Rassegna ragionata dei principali accadimenti di politica internazionale 

UNITÀ DI CRISI 

CAMERUN. Un doppio attentato suicida è avvenuto a Waza, cittadina del Camerun ai confini con la Nigeria, causando la morte di almeno 12 persone.

DIPLOMAZIA ALL’APERTO 

USA-FRANCIA. Il presidente USA Donald Trump sarà in visita di stato in Francia, per un bilaterale con il neo presidente francese Macron.

É L’ECONOMIA, BELLEZZA

MERCATI. DJ (0,10), FTSE 100 (-0,05), DAX (0,12), CAC40 (0,25), FTSE MIB (0,42), NIKKEI (0,14), Hang Seng (0,07).
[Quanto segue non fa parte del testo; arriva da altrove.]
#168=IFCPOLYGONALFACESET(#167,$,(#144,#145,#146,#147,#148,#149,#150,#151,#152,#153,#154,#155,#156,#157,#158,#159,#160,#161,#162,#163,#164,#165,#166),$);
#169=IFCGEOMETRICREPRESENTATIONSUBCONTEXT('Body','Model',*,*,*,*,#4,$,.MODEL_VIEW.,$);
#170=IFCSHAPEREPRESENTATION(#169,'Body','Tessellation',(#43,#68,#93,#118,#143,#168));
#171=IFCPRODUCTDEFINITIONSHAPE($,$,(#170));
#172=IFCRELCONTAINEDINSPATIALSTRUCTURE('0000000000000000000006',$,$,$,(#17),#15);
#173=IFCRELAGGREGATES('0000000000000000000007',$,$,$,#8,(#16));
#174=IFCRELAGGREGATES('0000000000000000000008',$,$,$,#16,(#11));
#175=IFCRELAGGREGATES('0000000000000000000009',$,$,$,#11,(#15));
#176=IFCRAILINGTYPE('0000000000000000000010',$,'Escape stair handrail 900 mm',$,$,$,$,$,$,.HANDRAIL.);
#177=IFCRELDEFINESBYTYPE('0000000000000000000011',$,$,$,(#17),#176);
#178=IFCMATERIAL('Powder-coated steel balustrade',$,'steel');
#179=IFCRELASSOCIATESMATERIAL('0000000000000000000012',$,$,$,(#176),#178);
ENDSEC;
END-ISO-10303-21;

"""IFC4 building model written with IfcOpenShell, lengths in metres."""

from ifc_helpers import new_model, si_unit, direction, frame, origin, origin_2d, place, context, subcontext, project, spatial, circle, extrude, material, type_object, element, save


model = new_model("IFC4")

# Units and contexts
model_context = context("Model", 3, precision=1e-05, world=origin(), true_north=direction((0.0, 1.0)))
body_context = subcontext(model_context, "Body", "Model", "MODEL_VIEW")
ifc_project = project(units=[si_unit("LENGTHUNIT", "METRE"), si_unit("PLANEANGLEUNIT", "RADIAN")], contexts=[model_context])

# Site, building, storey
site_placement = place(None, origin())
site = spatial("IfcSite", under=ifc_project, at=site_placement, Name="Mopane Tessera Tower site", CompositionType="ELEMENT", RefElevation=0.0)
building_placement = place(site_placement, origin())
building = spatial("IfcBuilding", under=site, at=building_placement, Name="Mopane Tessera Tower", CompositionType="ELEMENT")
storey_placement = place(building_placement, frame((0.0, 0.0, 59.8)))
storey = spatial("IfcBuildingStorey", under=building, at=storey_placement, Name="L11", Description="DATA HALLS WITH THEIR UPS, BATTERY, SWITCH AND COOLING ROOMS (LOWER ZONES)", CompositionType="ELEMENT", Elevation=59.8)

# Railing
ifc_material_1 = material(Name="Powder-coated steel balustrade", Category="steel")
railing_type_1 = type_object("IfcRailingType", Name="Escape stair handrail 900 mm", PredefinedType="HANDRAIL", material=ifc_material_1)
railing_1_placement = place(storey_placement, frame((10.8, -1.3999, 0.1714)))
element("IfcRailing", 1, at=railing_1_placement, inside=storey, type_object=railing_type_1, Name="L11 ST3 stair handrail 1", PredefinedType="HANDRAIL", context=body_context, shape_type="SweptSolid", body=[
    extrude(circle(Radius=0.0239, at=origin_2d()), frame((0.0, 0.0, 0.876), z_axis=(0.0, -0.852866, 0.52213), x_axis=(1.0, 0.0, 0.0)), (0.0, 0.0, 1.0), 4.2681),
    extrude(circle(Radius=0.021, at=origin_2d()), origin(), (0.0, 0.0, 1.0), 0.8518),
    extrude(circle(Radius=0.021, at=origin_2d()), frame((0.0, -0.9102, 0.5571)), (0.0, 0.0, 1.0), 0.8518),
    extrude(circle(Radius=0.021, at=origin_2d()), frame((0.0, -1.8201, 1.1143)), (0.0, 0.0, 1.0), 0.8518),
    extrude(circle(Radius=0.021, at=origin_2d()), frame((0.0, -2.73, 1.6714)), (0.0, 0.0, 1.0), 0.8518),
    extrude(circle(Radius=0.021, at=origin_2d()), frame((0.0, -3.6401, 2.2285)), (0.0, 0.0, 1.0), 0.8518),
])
VALUTE €/x. $ (1,140), £ (0,889), ¥en (129,387), ¥uan (7,737), CHF (1,102), Real (0,273). Rub (0,0146).

COMMODITIES. WTI (46,00), Brent (48,37), Gas (2,96), Oro (1.215,70), Argento (15,59), Rame (2,66), Cotone (0,84), Zucchero (0,13), Mais (361,00), Soia (972,50), Grano (495,50). Avena (294,50), Riso (1.50).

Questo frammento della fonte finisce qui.